JuneBugJen · 03/08/2008 13:04

We had skiing hol this year with couple who used to comdemn us for using kids clubs.

At first they only put the kids in on this hol for a couple of hours. By the end of the week we had to drag them to pick the kids up at 5.00. all the dcs were happy as they hung out in a big gang.

They said it was the most relaxing hol they had had since the kids were born!

OrmIrian · 03/08/2008 13:10

D'you know I can understand why they do it? Because when you're totally knackered anyway looking after 2 children is the last thing you want to do. And children don't recharge their batteries in the same way that adults do. But as it happens I love spending time with my DCs on holiday - beach-combing, rock-pool dipping, rock clambering. I wouldn't miss it for the world. However if I could afford a nanny to do all the cr*p stuff like teeth-cleaning and bedtime I would. By the time it gets to the evening DH and I are wiped out so our DCs tend to end up staying up till way too late. I'd swap the chores bit for the fun bit anyday.
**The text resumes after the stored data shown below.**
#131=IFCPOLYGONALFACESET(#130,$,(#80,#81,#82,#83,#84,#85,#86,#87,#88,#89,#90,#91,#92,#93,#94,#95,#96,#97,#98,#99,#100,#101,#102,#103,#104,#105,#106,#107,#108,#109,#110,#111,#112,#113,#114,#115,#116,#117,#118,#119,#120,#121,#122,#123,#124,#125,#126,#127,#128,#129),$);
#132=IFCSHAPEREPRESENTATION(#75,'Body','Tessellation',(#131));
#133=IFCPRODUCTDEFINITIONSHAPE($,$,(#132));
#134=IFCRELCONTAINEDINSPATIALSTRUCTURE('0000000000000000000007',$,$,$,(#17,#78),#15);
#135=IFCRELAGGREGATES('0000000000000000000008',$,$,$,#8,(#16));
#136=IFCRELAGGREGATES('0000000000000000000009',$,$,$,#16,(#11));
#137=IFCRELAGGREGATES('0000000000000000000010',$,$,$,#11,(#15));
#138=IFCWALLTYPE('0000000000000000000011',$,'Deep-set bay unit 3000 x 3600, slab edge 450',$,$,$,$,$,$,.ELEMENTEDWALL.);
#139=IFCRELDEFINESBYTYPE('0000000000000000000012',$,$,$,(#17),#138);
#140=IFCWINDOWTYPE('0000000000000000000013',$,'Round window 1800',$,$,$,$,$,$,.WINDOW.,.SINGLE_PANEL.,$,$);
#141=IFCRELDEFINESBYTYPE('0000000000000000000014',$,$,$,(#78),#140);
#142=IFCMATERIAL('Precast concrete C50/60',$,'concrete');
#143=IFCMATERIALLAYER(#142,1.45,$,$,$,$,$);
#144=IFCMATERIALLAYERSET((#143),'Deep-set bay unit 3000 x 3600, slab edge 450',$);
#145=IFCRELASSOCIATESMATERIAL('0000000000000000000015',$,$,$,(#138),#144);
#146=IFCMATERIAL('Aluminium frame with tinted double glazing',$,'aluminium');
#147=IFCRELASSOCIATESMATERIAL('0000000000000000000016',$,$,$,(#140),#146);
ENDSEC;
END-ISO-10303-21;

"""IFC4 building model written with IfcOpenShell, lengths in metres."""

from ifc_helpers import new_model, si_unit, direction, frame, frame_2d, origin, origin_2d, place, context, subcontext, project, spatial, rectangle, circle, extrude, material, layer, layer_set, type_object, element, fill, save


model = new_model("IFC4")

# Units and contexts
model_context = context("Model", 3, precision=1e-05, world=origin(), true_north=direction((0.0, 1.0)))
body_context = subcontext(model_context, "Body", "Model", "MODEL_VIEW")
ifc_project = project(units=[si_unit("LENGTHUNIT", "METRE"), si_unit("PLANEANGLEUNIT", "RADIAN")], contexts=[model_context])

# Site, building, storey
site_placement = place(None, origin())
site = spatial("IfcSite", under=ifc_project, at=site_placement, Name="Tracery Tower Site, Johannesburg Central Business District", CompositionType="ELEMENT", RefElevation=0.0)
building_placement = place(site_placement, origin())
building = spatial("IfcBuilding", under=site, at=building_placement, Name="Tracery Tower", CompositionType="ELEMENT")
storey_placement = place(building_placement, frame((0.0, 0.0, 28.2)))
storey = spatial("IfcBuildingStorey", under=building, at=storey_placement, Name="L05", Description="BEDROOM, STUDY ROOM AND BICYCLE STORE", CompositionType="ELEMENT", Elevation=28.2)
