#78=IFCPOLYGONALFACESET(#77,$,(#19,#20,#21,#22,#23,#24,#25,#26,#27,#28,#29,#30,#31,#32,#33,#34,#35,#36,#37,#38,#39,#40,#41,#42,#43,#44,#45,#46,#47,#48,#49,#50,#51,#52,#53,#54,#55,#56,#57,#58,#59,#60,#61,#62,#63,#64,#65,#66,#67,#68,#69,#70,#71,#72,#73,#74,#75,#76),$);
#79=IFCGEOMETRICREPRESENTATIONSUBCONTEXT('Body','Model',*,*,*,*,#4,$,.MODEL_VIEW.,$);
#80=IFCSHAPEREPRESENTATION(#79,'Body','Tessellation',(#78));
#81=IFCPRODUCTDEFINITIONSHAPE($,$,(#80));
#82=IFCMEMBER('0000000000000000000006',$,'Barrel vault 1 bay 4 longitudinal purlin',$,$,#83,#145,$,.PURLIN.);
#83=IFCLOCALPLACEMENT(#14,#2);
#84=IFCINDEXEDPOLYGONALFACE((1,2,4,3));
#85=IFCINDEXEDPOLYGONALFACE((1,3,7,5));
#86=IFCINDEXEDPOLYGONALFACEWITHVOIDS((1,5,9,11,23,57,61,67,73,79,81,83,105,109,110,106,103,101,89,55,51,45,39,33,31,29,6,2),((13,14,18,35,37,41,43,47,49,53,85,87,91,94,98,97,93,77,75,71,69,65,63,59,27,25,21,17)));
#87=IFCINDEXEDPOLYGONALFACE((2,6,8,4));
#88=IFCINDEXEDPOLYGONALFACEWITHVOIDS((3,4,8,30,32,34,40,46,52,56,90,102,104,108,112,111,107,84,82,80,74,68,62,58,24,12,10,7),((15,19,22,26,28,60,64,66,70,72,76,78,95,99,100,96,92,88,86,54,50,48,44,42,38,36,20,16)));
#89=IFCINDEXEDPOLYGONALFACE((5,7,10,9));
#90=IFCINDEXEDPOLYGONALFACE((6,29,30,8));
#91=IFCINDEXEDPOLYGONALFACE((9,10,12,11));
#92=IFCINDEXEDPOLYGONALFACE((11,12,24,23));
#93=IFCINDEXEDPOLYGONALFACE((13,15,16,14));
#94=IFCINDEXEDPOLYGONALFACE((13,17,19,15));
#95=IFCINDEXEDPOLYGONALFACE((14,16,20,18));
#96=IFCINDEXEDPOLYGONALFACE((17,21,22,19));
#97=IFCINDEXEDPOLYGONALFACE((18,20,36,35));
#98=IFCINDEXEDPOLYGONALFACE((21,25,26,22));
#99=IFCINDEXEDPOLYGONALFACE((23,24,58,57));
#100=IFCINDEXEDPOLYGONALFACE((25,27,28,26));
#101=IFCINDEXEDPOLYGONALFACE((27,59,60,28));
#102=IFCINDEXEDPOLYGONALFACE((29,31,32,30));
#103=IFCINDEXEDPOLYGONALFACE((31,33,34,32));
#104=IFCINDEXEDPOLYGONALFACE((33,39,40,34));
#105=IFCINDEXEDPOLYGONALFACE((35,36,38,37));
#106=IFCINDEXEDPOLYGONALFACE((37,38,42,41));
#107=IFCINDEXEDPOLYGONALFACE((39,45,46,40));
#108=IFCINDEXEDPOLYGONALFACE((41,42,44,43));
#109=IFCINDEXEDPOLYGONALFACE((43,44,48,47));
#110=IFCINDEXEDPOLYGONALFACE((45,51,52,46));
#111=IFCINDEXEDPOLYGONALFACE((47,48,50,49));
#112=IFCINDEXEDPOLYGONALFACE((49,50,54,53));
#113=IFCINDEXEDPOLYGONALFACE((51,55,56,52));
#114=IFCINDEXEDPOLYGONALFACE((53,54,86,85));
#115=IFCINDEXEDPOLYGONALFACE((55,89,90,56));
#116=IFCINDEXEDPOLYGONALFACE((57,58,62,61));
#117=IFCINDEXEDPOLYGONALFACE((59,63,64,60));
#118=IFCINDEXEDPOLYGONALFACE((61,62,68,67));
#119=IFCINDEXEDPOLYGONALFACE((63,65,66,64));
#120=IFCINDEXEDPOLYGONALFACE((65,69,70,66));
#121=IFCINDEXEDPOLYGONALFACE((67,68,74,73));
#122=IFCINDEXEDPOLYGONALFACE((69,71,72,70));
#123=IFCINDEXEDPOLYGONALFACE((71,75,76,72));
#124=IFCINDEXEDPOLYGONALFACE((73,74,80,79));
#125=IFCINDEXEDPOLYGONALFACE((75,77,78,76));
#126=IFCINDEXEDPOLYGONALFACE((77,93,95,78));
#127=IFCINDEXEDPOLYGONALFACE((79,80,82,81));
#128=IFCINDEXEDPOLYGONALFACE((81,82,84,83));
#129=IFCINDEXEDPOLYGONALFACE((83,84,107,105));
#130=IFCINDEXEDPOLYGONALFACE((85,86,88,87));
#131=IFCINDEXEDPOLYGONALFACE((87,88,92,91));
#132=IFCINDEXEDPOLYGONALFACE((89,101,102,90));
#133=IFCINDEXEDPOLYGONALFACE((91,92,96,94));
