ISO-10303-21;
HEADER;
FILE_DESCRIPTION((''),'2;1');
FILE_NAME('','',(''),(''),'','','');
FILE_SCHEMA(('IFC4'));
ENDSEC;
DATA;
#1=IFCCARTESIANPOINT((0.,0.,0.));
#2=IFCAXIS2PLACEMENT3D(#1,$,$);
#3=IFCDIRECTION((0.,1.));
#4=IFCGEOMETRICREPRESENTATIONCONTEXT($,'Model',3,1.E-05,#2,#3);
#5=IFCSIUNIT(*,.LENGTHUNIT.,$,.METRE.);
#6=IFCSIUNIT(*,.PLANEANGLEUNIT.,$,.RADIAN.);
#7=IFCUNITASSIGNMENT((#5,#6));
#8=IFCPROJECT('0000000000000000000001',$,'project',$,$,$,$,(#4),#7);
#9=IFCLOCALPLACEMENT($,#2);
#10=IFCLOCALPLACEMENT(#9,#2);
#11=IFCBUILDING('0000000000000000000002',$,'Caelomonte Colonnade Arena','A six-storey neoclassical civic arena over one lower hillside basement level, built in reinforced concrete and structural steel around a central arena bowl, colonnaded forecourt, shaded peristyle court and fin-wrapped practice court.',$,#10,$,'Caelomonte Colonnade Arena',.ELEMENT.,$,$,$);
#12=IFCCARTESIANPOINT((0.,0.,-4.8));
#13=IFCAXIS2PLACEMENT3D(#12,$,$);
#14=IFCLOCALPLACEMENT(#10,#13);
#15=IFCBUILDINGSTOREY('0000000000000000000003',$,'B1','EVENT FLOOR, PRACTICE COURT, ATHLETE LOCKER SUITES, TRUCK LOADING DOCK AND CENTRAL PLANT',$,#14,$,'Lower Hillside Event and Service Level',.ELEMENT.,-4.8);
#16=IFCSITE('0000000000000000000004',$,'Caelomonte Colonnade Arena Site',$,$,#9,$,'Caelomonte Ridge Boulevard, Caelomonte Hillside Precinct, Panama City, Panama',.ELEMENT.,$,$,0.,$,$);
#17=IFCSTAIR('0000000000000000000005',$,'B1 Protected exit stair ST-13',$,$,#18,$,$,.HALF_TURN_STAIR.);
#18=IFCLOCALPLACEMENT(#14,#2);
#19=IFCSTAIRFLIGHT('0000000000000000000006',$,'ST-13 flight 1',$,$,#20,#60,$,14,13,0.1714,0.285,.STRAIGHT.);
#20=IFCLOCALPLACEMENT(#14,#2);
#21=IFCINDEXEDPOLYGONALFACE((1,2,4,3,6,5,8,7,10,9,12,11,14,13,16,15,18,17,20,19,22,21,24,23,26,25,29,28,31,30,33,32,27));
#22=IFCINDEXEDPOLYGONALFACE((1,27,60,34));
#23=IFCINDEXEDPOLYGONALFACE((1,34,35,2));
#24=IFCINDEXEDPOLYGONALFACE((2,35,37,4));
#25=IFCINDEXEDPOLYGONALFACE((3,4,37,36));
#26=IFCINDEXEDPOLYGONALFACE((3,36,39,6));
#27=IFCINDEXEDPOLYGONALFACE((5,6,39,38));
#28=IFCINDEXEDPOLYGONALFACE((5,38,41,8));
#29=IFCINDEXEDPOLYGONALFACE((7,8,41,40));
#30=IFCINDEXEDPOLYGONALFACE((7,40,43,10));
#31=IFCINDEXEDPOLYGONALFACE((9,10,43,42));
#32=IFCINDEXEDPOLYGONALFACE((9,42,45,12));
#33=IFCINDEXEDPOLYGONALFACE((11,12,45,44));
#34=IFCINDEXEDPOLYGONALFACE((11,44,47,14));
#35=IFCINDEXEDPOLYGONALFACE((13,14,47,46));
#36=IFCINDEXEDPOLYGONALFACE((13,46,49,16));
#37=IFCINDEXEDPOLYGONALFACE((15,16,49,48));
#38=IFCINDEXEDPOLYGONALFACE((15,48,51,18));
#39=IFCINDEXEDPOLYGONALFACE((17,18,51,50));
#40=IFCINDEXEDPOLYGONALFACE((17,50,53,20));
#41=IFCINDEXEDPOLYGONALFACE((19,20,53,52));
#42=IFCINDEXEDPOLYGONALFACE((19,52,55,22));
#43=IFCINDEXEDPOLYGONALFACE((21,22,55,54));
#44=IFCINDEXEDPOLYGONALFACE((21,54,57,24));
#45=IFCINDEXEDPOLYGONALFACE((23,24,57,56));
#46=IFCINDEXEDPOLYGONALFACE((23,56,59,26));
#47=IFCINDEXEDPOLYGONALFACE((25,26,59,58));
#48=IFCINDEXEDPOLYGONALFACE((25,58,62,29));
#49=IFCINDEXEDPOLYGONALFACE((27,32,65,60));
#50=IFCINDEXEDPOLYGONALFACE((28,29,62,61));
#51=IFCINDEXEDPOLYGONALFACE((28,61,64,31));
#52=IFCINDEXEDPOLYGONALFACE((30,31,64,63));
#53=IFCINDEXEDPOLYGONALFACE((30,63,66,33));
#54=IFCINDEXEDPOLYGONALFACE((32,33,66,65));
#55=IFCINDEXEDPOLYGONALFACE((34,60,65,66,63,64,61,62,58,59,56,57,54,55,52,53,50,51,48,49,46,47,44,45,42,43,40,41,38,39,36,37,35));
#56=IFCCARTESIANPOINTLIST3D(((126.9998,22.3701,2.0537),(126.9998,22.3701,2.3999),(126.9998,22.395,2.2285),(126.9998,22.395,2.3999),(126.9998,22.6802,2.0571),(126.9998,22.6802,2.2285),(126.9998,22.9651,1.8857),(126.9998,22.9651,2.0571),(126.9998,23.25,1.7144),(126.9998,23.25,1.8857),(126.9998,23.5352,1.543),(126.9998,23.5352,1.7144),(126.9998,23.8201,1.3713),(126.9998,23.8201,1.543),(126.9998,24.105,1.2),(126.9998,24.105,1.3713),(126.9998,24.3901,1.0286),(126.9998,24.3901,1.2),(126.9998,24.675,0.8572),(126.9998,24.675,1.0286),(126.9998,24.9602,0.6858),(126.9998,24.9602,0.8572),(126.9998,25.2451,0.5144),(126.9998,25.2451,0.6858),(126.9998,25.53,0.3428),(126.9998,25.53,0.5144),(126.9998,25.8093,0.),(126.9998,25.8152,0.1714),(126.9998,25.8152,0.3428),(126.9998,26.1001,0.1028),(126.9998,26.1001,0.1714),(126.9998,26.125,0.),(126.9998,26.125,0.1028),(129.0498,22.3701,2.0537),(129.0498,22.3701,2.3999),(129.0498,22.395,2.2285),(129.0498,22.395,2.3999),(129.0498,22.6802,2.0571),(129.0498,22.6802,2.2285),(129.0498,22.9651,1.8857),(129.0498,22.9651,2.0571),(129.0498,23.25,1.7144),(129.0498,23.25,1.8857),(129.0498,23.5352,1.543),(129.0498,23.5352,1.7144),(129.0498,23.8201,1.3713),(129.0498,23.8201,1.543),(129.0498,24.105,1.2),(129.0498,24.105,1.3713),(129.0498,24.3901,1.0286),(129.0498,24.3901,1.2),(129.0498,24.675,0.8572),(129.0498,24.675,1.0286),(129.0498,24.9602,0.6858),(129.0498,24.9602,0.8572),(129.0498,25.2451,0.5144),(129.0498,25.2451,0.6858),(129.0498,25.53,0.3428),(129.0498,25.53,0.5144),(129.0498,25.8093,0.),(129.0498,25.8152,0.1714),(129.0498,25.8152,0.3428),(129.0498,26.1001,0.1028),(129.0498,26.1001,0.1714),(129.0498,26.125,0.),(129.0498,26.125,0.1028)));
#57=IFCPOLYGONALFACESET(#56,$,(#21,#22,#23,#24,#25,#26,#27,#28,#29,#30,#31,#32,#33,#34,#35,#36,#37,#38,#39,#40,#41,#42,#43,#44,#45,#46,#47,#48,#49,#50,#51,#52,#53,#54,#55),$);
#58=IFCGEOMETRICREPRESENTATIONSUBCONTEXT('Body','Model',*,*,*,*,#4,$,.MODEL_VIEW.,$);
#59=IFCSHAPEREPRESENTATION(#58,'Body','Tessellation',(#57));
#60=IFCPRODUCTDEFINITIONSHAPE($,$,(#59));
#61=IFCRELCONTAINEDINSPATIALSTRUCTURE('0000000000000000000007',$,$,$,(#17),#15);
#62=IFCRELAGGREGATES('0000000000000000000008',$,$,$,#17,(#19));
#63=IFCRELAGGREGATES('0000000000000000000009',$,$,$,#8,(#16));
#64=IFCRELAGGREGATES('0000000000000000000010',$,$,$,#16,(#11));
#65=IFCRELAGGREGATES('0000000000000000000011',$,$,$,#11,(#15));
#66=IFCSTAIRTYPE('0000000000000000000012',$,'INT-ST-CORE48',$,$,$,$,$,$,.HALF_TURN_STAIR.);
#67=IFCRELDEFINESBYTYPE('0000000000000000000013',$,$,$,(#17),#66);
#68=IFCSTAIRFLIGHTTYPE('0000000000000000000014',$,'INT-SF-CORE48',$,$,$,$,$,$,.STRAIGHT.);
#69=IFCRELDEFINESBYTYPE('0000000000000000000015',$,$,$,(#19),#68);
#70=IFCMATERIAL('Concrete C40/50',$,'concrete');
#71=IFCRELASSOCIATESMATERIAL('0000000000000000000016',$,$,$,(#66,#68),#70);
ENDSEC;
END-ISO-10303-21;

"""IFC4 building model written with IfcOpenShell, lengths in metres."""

from ifc_helpers import new_model, si_unit, direction, frame, origin, place, context, subcontext, project, spatial, polyline, outline, extrude, material, type_object, element, aggregate, save


model = new_model("IFC4")

# Units and contexts
model_context = context("Model", 3, precision=1e-05, world=origin(), true_north=direction((0.0, 1.0)))
body_context = subcontext(model_context, "Body", "Model", "MODEL_VIEW")
ifc_project = project(units=[si_unit("LENGTHUNIT", "METRE"), si_unit("PLANEANGLEUNIT", "RADIAN")], contexts=[model_context])

# Site, building, storey
site_placement = place(None, origin())
site = spatial("IfcSite", under=ifc_project, at=site_placement, Name="Caelomonte Colonnade Arena Site", LongName="Caelomonte Ridge Boulevard, Caelomonte Hillside Precinct, Panama City, Panama", CompositionType="ELEMENT", RefElevation=0.0)
building_placement = place(site_placement, origin())
building = spatial("IfcBuilding", under=site, at=building_placement, Name="Caelomonte Colonnade Arena", Description="A six-storey neoclassical civic arena over one lower hillside basement level, built in reinforced concrete and structural steel around a central arena bowl, colonnaded forecourt, shaded peristyle court and fin-wrapped practice court.", LongName="Caelomonte Colonnade Arena", CompositionType="ELEMENT")
storey_placement = place(building_placement, frame((0.0, 0.0, -4.8)))
storey = spatial("IfcBuildingStorey", under=building, at=storey_placement, Name="B1", Description="EVENT FLOOR, PRACTICE COURT, ATHLETE LOCKER SUITES, TRUCK LOADING DOCK AND CENTRAL PLANT", LongName="Lower Hillside Event and Service Level", CompositionType="ELEMENT", Elevation=-4.8)

# Shared definitions
ifc_material_1 = material(Name="Concrete C40/50", Category="concrete")

# Stair, stair flight
stair_type = type_object("IfcStairType", Name="INT-ST-CORE48", PredefinedType="HALF_TURN_STAIR", material=ifc_material_1)
stair_placement = place(storey_placement, origin())
stair = element("IfcStair", 1, at=stair_placement, inside=storey, type_object=stair_type, Name="B1 Protected exit stair ST-13", PredefinedType="HALF_TURN_STAIR")
stair_flight_type = type_object("IfcStairFlightType", Name="INT-SF-CORE48", PredefinedType="STRAIGHT", material=ifc_material_1)
stair_flight_placement = place(storey_placement, frame((128.0249, 26.1001, 0.0), z_axis=(0.0, 0.0, 1.0), x_axis=(0.0, -1.0, 0.0)))
stair_flight = element("IfcStairFlight", 2, at=stair_flight_placement, type_object=stair_flight_type, Name="ST-13 flight 1", NumberOfRisers=14, NumberOfTreads=13, PredefinedType="STRAIGHT", RiserHeight=0.1714, TreadLength=0.285, context=body_context, shape_type="SweptSolid", body=[
    extrude(outline(polyline([(-0.0249, 0.0), (-0.0249, 0.1028), (0.0, 0.1028), (0.0, 0.1714), (0.2849, 0.1714), (0.2849, 0.3428), (0.5701, 0.3428), (0.5701, 0.5144), (0.855, 0.5144), (0.855, 0.6858), (1.1399, 0.6858), (1.1399, 0.8572), (1.425, 0.8572), (1.425, 1.0286), (1.71, 1.0286), (1.71, 1.2), (1.9951, 1.2), (1.9951, 1.3713), (2.28, 1.3713), (2.28, 1.543), (2.5649, 1.543), (2.5649, 1.7144), (2.8501, 1.7144), (2.8501, 1.8857), (3.135, 1.8857), (3.135, 2.0571), (3.4199, 2.0571), (3.4199, 2.2285), (3.7051, 2.2285), (3.7051, 2.3999), (3.73, 2.3999), (3.73, 2.0537), (0.2908, 0.0), (-0.0249, 0.0)])), frame((0.0, 1.0249, 0.0), z_axis=(0.0, -1.0, 0.0), x_axis=(1.0, 0.0, 0.0)), (0.0, 0.0, 1.0), 2.05),
])
aggregate(stair, [stair_flight])

save(model, "model.ifc")
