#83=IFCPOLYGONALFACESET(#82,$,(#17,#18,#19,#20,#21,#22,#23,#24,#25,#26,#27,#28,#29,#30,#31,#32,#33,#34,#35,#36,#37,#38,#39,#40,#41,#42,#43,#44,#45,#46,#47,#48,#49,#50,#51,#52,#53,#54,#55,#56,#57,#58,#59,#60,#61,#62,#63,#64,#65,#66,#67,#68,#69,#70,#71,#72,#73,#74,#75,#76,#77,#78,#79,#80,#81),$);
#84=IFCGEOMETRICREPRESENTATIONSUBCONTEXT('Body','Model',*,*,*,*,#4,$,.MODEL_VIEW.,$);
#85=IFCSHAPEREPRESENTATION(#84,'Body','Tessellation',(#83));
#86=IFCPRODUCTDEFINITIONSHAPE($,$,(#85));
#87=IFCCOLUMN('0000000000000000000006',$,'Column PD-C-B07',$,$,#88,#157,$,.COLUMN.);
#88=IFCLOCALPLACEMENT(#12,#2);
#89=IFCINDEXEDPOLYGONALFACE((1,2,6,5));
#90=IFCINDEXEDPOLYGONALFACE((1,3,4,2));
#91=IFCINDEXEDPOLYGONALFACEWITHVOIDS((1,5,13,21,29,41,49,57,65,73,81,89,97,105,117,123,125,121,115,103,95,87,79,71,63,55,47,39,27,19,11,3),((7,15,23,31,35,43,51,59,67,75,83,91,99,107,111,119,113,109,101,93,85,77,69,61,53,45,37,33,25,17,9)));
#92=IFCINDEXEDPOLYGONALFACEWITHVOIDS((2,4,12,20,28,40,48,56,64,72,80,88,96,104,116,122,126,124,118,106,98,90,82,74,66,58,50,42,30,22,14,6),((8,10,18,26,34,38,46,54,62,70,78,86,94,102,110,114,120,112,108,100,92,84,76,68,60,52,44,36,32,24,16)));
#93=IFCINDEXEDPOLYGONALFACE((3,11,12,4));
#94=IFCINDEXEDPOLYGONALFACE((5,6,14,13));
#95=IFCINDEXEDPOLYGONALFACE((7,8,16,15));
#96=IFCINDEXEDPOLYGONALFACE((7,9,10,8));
cornsilk · 03/08/2008 13:15

We're all on here instead of spending quality time with our kids. What's wrong with kids clubs if the kids enjoy being in them? They're not on for 24 hours of the day. When I was a kid we didn't have kids clubs but my mum expected us all to entertain ourselves for the day. That's not so different.

Libra1975 · 03/08/2008 13:20

I just want to check something - is it ok to put your DCs in a kids club when you go on holiday if you are a SAHM/SAHD?

cornsilk · 03/08/2008 13:21

Of course it is!

JuneBugJen · 03/08/2008 13:33

The other thing is...who says kids clubs are crap? The staff who run the ones we have been to are lovely fresh faced fun things who genuinely seem to love their jobs. They are not just shut away in one stinky room with mangy toys.

I used to be a 'camp counsellor' in Canada and really had fun with all the kids. I was proud of my work.

MrsMattie · 03/08/2008 13:35

Only just seen this and in response to the OP - Does your friend get a choice? Does she get more than a certain number of weeks a year off work? Most people don't.